Well, a bunch of individuals were doing, mmm ... some kind of project, looking for a new vision or some new consciousness, but uh ... Friends but not a gang — not a literary gang, but we didn’t have that name, that was a latter phrase from the media.

Mmm-hmm. Six poets at the Six Gallery, Oct 13, 1955.
Well, one of them was Philip Whalen, who is now Roshi Whalen, zen master. One of them was Gary Snyder who’d just finished a project poem melted suburbs without end; one of them was Allen Ginsberg, who’s turned 70 and just put together selected poems, selected photographs, selected drawings, selected music, trying to get it all in order before he kicks the bucket; one was Philip Rampapia [sp?] who won the [???] award; Andre Breton, the surrealist was one of them; Kenneth Rexroth, Among the Skeletons was his work — in defense of nature, the skeletons of nature; Michael Maclear, who’s now a great lyric poet, he learned a lot from Kerouac’s Mexico City Blues poetry.

City Lights Bookstore.
It’s bigger than ever. We just put out a 40th edition of Howl and there’s a huge list of very interesting books published there. It’s, uh, an interesting chameleon, sort of. All the workers collaborate on the order of the books, taking care of different sections of the store. They’ve moved some things upstairs, some things down to the basement.

Do you find going down to the basement is like going down into a deep museum?
No. It’s got this great collection of books — if you want to read. Science fiction is down in the basement; for poetry you’ve got to go upstairs.

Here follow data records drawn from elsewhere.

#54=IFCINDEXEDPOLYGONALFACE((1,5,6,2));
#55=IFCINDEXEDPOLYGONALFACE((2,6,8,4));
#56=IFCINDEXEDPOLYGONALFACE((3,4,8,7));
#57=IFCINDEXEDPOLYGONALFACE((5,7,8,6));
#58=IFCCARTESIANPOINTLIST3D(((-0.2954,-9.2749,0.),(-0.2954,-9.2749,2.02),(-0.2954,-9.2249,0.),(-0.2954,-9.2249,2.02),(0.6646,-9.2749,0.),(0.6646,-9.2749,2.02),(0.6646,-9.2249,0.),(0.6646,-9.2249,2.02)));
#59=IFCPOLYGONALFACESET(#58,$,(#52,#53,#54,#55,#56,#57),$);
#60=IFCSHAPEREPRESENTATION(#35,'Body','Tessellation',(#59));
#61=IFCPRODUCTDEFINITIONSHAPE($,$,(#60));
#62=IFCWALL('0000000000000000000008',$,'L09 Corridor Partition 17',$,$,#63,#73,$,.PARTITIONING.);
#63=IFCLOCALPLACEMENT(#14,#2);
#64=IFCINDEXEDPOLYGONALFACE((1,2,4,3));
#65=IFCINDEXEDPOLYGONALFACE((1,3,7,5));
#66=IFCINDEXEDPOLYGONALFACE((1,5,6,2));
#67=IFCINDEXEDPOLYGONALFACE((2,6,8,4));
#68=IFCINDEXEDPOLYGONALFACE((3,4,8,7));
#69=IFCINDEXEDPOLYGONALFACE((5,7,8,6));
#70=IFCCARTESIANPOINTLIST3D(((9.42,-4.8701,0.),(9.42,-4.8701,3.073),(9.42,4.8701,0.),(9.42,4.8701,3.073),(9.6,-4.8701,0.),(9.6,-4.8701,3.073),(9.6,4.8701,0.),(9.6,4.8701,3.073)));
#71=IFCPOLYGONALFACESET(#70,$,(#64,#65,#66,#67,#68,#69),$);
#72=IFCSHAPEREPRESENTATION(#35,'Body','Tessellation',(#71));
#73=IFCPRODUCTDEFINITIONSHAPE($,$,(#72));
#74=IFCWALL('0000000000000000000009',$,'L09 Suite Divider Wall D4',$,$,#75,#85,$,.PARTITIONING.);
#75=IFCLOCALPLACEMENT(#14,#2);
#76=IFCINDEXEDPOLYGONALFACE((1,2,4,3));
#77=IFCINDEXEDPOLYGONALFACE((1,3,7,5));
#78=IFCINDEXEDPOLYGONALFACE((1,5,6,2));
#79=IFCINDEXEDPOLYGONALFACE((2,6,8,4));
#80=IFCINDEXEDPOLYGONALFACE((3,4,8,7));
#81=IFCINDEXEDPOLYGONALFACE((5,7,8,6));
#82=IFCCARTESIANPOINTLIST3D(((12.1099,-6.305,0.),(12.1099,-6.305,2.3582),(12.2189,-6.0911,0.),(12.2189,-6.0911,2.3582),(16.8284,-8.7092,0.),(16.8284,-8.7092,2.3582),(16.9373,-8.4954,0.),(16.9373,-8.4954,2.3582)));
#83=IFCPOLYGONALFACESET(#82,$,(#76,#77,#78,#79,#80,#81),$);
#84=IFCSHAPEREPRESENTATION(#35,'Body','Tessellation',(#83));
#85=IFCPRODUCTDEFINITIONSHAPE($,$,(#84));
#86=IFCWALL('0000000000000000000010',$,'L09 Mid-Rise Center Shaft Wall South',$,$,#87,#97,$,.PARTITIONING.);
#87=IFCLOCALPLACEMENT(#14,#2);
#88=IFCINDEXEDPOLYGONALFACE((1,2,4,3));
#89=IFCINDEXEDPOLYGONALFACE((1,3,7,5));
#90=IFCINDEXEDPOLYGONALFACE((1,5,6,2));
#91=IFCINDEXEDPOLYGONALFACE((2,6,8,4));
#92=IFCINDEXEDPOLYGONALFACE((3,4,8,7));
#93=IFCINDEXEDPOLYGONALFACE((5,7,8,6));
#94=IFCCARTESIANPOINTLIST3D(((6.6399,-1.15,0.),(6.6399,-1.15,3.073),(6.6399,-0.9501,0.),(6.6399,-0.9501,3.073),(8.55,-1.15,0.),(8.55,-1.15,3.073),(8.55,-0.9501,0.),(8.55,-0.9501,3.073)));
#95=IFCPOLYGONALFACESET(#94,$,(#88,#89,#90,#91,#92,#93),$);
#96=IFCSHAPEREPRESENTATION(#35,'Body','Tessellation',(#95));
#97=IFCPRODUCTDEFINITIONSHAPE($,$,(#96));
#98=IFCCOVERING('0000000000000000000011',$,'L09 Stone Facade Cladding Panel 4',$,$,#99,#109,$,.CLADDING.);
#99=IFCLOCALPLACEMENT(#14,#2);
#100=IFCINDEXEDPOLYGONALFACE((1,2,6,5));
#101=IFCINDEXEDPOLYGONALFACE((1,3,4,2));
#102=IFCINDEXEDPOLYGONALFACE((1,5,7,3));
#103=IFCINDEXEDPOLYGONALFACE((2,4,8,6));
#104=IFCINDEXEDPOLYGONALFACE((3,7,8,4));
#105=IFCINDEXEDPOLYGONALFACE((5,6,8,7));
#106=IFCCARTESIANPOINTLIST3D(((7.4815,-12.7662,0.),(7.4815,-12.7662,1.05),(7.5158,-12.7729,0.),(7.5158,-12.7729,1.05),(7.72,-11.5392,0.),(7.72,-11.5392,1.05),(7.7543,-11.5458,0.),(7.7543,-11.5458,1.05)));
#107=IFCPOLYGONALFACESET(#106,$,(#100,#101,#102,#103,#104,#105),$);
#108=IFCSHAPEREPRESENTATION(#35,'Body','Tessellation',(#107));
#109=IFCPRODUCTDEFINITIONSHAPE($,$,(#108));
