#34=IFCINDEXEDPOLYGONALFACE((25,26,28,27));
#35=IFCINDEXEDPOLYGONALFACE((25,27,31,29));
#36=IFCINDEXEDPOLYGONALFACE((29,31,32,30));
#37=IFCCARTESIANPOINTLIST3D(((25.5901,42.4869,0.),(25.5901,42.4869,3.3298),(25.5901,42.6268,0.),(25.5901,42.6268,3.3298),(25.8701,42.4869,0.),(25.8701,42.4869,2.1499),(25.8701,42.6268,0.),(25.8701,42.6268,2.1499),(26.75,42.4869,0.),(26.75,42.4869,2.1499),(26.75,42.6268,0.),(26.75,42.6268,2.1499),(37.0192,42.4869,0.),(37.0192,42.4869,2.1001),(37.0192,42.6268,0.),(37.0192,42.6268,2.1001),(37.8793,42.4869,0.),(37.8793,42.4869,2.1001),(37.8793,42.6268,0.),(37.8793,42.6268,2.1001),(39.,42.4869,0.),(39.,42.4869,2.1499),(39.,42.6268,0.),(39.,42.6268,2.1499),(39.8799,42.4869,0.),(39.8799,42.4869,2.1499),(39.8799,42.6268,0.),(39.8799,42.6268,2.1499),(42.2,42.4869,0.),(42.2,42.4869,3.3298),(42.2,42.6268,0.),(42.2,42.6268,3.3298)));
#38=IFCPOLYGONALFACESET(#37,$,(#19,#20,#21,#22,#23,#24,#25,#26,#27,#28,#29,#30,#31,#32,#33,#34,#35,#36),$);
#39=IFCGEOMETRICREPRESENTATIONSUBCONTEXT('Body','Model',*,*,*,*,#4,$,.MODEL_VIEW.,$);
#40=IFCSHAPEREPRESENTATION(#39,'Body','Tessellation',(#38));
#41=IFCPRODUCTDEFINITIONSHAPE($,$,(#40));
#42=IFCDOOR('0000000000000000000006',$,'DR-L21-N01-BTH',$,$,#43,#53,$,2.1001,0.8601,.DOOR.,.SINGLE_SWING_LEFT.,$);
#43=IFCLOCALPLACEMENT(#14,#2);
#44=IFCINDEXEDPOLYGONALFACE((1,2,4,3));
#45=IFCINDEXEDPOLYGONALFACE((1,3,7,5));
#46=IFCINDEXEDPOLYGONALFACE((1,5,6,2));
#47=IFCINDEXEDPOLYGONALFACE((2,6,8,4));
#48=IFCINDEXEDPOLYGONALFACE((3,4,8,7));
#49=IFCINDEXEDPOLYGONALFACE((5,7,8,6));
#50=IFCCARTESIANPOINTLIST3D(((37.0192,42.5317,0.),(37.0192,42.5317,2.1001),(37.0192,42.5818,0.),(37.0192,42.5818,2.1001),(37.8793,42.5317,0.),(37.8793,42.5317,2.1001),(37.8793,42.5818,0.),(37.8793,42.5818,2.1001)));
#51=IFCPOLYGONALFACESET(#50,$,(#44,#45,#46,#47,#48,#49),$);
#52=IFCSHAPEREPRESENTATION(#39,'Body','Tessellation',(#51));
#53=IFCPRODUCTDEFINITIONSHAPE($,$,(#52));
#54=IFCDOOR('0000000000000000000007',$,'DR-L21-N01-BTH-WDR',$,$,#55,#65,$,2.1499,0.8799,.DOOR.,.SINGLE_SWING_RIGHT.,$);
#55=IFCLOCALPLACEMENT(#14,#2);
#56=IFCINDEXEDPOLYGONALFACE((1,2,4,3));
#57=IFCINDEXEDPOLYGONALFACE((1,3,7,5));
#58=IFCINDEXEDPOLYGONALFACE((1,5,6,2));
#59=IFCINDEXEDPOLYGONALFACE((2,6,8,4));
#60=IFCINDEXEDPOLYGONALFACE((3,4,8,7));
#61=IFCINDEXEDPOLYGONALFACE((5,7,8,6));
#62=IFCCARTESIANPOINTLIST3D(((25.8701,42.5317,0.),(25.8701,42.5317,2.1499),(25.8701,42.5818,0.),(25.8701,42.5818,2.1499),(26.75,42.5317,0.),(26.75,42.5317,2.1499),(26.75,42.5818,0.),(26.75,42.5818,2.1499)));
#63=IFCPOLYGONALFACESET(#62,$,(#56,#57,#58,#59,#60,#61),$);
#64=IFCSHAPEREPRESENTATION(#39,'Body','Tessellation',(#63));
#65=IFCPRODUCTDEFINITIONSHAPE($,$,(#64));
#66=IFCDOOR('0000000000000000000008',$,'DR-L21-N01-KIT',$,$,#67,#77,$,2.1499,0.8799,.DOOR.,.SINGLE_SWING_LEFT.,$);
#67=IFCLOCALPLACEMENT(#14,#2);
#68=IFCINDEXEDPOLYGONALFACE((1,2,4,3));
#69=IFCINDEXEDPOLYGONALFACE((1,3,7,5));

The Ferlingheti “Howl” trial.
It’s getting repeated now, over radio and television, and Senator Helms, who must be some sort of closet pervert, has put in a law thing that all indecent matter must be banned by the FCC on radio and television and the Supreme Court refused to overthrow it, although they’ve limited it to from 6 a.m. to 10 p.m. So they’ve driven the serious material off the airwaves with this censorship; so now we have censorship on radio and television just as we used to have for books; so now the main marketplace of ideas is no longer a free market — so you can’t, you would not be able to read classic poems by Catullus or prose by Petronius or Burroughs or my own nature poems that are in high school textbooks — public high schools, in order to protect the ears of high school kids — you can’t read ’em on the air; so we’ve got censorship now just as bad as before, maybe worse because television has become the main marketplace of ideas at this point rather than print. The marketplace of ideas is no longer a free market — there’s literal censorship. It’s about time more people consider that.

The death of Naomi.
Well that’s a long time ago and a much wept-over character. The poem Kaddish, I think, satisfactorily presents the emotions — the narration gives that feel.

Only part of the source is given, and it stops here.